Snaps or webpage screenshoting as well (2010), which was later put in Opera
(2017) and recently on Firefox.

------
dsego
What's new here? I've been under the impression this existed for a while. Does
it finally provide the standard video controls?

------
kgwxd
Have other hardcore anti-autoplay users noticed some autoplay getting through
as of the last update? I've had it at the highest possible settings for a long
time and nothing ever got through, now something is different. It not all the
time, but often enough that it bugs me.

------
tushar-r
This is brilliant! I've been looking for a replacement for Helium on Windows
and this seems to be it!

------
jackson1442
I've been using it with their Dev Edition and it works very nicely for me. On
a Mac, it blends in with the design language, and works on just about any
video, even video that's been DRM'd to hell and back (Netflix, Hulu, etc).

------
kbenson
While I really like this functionality, I can't seem to find any way to change
the area the picture shows up. I do not want it in the bottom right, because I
get OS messages there (maybe that's how they implemented it and why it's
there?), and I suspect either they will be covered up or cover up the picture
(a problem I often have with some apps in that location when I get messages).
Just being able to change which corner it was in (like many PIP televisions
allow) would be amazingly useful.

------
xadz
I've been using this in Chrome for Mac in YouTube for a while. It is in Safari
too. Just have to double right click a YouTube video to get the browser menu
instead of the YouTube one.

------
yuchi
«Toddler duty» is a fantastic marketing approach to the feature! (While I
usually deprecate using videos to entertain toddlers and kids, using it to
have them close to you looks… good I guess)

------
jdlyga
Doesn't Chrome do this too?

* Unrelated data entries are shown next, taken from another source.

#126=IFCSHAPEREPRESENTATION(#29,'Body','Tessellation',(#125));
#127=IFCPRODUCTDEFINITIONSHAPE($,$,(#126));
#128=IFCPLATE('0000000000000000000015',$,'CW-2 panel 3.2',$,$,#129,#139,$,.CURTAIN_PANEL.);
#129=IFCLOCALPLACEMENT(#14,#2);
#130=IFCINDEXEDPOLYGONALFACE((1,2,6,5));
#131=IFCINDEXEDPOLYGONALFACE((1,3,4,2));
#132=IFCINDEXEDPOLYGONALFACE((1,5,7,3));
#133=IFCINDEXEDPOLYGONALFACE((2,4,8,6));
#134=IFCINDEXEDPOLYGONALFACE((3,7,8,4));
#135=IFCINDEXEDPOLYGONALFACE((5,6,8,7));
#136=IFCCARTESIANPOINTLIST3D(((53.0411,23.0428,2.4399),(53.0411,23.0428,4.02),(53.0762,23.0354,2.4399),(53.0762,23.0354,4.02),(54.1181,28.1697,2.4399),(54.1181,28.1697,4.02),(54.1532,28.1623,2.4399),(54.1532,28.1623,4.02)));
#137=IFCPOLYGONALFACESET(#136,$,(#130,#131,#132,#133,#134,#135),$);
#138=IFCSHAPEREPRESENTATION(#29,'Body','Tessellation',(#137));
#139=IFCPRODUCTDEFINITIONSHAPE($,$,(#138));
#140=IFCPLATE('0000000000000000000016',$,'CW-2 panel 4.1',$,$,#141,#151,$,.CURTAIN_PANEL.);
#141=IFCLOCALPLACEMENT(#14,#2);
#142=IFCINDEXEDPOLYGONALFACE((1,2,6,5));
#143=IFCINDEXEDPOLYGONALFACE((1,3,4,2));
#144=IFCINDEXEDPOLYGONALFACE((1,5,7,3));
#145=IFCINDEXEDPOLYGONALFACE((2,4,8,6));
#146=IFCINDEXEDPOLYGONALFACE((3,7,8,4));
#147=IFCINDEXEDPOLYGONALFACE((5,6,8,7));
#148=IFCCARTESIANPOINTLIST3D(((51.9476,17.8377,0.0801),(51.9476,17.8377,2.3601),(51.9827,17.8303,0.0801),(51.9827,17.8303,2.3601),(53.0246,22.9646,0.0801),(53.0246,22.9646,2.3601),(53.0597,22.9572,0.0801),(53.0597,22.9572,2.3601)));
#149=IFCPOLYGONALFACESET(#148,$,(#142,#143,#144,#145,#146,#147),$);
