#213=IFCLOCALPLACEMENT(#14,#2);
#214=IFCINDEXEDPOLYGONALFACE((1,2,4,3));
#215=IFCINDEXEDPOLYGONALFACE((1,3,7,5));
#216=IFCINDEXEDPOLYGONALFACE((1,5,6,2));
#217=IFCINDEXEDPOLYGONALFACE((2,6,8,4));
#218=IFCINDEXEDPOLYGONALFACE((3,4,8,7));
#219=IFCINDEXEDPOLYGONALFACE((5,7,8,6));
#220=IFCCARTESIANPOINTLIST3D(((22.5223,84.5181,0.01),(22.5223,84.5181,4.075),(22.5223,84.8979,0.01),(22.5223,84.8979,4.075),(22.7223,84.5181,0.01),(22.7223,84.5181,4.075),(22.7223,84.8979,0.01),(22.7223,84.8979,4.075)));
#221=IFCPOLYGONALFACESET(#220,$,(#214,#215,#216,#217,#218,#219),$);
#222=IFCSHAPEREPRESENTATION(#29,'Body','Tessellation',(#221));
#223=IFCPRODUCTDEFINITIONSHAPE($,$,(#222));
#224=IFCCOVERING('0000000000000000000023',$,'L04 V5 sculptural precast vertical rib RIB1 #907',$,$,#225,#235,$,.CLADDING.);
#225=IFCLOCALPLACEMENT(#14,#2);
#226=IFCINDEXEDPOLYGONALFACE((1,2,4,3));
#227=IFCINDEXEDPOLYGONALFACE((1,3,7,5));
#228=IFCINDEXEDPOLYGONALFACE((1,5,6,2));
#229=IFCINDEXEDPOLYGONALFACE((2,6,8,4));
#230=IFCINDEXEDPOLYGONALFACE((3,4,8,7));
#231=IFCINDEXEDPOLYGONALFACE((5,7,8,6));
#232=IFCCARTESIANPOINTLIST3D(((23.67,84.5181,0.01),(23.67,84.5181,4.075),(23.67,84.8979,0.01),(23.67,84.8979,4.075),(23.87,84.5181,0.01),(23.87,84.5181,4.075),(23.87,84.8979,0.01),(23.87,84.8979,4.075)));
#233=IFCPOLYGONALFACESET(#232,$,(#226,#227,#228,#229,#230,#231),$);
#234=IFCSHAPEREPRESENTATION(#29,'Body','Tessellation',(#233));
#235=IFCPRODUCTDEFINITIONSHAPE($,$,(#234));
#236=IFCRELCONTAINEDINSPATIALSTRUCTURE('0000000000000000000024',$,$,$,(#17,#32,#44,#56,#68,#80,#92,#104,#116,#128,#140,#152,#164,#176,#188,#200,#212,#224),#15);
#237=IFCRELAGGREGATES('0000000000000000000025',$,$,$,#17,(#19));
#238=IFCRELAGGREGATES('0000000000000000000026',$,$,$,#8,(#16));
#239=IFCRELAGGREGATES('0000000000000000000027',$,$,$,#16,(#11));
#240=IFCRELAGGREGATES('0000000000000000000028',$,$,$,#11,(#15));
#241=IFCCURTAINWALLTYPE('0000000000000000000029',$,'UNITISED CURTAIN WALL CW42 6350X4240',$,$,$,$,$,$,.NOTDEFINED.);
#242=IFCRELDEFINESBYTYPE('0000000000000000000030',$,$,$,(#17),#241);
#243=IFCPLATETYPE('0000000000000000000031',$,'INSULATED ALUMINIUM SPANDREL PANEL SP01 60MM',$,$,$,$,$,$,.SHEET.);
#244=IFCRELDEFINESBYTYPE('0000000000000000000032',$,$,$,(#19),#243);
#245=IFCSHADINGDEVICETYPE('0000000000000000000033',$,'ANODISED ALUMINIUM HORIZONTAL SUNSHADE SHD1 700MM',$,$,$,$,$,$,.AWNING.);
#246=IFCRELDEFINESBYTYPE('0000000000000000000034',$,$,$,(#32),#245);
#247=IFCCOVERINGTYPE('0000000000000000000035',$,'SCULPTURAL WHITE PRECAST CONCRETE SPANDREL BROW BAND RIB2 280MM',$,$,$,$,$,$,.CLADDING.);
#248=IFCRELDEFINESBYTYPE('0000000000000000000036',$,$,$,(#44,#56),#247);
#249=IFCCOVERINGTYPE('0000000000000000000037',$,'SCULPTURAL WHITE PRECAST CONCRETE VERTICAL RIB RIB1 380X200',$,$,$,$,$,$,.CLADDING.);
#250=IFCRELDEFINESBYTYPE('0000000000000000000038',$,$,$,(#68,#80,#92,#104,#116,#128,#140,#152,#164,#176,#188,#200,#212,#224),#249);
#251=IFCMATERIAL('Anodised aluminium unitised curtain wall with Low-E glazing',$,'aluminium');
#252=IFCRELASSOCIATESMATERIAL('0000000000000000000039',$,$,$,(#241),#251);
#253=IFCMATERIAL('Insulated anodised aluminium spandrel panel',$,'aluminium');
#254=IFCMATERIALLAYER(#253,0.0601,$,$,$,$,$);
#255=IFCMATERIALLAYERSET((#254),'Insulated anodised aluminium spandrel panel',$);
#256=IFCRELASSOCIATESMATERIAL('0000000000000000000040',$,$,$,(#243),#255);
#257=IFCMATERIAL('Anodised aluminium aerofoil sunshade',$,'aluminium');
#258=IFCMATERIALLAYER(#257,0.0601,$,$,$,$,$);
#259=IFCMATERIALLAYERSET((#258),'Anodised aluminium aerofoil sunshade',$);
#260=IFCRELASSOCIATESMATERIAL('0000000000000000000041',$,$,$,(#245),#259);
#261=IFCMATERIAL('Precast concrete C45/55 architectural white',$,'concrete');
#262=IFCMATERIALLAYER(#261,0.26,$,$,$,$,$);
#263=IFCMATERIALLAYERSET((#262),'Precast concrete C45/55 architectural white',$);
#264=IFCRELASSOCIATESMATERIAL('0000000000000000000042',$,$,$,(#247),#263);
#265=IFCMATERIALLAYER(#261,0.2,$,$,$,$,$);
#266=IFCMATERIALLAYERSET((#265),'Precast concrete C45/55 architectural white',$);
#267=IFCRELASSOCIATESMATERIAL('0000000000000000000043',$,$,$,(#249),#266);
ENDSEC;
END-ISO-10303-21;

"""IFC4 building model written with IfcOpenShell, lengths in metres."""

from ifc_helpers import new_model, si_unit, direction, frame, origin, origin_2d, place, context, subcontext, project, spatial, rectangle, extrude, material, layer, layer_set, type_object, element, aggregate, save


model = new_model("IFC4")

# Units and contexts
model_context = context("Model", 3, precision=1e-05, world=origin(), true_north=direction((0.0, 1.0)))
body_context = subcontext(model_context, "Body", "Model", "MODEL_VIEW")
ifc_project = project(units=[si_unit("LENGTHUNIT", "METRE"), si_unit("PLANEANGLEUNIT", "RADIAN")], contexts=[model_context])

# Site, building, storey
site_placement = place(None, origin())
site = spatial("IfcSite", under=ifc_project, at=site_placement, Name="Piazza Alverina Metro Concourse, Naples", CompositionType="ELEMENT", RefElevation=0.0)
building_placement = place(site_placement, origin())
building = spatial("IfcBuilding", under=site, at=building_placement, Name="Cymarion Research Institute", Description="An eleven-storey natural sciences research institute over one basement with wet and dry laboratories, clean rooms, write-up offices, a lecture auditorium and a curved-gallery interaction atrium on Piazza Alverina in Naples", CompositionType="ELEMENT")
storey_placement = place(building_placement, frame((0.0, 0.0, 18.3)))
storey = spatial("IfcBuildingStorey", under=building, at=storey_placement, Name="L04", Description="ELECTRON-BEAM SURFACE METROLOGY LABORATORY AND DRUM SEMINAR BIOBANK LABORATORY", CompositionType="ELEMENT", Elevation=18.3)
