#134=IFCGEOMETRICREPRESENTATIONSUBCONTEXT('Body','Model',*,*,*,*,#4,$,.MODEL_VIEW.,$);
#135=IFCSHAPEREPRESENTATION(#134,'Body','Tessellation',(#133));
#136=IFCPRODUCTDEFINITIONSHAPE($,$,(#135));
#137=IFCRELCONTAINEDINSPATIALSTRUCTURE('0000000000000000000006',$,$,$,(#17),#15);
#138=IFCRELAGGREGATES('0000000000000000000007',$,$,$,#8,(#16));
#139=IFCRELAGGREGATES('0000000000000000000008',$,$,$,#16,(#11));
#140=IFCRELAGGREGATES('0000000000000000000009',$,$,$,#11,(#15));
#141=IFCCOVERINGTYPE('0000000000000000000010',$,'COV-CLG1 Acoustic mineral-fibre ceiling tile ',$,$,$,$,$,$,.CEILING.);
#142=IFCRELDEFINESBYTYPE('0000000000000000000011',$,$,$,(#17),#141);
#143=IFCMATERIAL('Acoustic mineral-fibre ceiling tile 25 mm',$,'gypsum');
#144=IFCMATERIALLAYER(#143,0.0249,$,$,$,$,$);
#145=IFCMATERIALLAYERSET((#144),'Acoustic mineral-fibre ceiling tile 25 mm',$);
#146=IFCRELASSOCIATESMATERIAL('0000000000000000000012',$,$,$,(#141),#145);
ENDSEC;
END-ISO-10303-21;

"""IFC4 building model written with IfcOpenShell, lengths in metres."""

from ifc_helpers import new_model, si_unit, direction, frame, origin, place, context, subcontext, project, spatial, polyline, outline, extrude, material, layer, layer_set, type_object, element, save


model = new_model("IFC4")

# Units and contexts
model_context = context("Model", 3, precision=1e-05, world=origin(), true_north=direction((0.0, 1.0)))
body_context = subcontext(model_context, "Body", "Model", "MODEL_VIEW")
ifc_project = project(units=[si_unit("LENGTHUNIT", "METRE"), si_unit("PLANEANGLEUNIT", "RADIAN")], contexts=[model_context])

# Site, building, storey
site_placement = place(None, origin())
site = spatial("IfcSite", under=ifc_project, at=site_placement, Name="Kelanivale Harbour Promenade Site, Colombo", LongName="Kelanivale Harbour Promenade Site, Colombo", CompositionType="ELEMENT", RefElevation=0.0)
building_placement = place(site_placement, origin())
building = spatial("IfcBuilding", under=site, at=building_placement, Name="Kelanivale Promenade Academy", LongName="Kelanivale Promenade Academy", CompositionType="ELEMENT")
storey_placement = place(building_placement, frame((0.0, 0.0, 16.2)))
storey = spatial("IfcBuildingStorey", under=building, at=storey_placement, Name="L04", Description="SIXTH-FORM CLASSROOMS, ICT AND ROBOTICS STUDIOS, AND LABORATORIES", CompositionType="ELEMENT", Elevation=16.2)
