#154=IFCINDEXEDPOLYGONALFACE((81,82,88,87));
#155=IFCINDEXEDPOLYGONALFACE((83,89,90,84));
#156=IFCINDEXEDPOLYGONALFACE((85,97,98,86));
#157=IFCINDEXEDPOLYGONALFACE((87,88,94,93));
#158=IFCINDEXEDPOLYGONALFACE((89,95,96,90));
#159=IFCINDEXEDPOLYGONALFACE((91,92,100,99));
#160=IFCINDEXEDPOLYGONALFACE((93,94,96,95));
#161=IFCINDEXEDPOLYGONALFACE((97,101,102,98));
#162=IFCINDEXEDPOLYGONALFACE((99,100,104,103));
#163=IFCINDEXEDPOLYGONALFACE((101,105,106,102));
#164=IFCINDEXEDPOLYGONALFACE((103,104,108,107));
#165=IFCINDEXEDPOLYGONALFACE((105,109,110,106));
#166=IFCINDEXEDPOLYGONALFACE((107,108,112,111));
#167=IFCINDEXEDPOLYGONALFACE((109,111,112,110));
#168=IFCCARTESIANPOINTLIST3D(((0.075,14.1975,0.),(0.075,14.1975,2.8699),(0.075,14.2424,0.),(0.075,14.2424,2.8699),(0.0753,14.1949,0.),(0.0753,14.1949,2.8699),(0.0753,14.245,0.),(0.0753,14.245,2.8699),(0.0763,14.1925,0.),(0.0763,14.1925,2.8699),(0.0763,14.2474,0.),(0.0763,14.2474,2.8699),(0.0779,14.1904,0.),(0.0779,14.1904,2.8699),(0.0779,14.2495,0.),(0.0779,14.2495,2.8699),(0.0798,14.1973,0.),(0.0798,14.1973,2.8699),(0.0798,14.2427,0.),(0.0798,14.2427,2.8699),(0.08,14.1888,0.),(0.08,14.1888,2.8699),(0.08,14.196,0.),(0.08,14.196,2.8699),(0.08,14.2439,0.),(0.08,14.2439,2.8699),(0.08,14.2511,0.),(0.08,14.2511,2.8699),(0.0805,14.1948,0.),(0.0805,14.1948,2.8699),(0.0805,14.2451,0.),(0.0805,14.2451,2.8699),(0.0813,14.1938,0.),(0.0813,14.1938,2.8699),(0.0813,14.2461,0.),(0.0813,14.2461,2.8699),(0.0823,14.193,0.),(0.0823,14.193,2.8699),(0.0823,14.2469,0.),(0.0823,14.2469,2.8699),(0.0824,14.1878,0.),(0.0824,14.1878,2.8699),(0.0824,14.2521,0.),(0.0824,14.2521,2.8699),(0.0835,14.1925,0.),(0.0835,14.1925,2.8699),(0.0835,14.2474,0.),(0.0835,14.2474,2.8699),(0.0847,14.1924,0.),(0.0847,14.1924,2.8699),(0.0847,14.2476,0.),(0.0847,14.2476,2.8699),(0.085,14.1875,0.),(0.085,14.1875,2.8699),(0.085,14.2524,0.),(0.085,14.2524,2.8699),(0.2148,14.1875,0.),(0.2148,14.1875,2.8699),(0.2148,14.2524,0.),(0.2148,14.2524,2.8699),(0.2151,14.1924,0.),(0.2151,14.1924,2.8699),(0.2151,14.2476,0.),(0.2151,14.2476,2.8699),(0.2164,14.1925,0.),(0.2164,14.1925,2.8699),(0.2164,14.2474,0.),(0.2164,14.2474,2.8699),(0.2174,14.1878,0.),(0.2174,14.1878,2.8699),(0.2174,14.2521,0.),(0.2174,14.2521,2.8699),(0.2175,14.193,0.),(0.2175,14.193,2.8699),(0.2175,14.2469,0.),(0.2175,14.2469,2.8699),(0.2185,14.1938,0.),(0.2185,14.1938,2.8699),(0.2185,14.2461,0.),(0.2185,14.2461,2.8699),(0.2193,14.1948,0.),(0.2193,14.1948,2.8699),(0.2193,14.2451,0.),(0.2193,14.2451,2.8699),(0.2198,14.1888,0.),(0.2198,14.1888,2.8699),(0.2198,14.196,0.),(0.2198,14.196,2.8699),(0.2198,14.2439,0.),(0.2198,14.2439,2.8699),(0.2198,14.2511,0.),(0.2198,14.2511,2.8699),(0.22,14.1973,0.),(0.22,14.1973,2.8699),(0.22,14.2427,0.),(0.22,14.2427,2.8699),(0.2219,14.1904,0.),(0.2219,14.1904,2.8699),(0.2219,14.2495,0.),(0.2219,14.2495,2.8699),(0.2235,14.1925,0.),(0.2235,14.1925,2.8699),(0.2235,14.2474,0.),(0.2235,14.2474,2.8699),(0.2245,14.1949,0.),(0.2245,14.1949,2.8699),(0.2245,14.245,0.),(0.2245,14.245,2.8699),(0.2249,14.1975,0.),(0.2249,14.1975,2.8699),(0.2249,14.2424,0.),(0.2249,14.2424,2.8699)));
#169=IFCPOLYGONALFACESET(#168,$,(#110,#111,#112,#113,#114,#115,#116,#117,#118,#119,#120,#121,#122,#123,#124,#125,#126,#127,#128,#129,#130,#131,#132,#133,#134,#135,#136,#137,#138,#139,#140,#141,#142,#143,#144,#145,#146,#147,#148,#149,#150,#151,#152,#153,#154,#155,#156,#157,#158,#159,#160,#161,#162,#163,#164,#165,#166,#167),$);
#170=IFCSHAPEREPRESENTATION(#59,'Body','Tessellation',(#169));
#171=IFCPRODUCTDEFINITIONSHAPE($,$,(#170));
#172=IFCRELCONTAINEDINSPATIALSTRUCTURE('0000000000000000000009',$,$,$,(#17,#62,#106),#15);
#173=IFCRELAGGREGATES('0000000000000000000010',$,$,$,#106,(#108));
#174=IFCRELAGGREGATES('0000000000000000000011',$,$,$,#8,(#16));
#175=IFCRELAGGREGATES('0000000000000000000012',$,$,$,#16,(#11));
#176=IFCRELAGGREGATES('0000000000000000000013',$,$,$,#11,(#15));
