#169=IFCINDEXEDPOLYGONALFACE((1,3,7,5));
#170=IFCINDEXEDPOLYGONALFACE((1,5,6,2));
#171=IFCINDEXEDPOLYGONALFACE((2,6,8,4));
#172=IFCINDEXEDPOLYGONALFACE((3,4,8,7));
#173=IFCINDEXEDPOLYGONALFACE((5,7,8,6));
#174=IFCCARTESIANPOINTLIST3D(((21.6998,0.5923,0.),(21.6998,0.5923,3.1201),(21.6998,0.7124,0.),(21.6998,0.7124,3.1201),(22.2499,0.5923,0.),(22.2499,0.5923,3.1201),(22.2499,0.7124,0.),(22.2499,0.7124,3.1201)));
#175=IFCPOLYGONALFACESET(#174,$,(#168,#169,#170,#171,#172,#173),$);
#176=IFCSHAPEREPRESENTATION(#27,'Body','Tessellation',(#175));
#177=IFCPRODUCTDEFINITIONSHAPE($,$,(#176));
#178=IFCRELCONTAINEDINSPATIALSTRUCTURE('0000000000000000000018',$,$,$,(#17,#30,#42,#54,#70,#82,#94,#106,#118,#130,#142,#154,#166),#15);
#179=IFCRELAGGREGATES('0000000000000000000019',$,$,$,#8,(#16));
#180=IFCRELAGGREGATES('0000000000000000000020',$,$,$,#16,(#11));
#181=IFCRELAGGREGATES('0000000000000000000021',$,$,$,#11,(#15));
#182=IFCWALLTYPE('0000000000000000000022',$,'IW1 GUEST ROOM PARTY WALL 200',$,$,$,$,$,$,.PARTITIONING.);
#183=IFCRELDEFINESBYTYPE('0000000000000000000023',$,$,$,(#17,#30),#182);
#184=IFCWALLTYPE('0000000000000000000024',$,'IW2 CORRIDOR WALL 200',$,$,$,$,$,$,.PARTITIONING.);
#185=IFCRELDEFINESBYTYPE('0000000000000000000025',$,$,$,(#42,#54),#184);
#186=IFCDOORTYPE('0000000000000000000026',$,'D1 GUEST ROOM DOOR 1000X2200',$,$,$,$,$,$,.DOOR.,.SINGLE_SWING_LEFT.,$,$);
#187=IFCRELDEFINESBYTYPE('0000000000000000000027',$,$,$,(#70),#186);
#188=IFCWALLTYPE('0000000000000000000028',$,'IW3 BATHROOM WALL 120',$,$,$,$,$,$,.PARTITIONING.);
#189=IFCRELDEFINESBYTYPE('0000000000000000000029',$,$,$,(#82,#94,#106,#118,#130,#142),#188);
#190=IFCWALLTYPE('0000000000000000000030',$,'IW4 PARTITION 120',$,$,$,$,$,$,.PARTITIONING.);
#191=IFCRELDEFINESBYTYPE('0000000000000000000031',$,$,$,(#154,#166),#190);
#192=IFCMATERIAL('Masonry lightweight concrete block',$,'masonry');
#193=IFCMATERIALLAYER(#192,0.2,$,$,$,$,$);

If you click the music button in the toolbar, you
can pop out a video to an always-on-top window that you can watch overtop of
other apps.

------
Jaruzel
I like having a floating YouTube video on my desktop while I work so much that
I knocked up this simple solution a few years ago:

[http://www.jaruzel.com/apps/youtube/](http://www.jaruzel.com/apps/youtube/)

(Select 'View (New Window)')

It suits me, and gets used lots. I've never bothered to look, but I reckon
there's probably a Chrome extension that also does the same.

------
rsapkf
PiP is such a useful feature. Even though I use a window manager, I like the
fact that I can just take whatever video is playing out from my current tab
and move it over to my programming workspace and follow a tutorial or
something. No need to create a new window. When I'm done, I can put it right
back to the original tab on the original workspace with a single click.
Especially useful with floating mode enabled.

------
chrysoprace
I really love this feature and I hope that it receives more love and polish in
the future. It's unfortunately unusable with foreign language videos as the
subtitles don't pop out with the video. Not sure if this is due to the lack of
such an API, or if the major video providers (Netflix, YouTube, etc.) simply
haven't implemented it.

My other wishlist feature is to have rewind/forward controls natively in the
PIP window.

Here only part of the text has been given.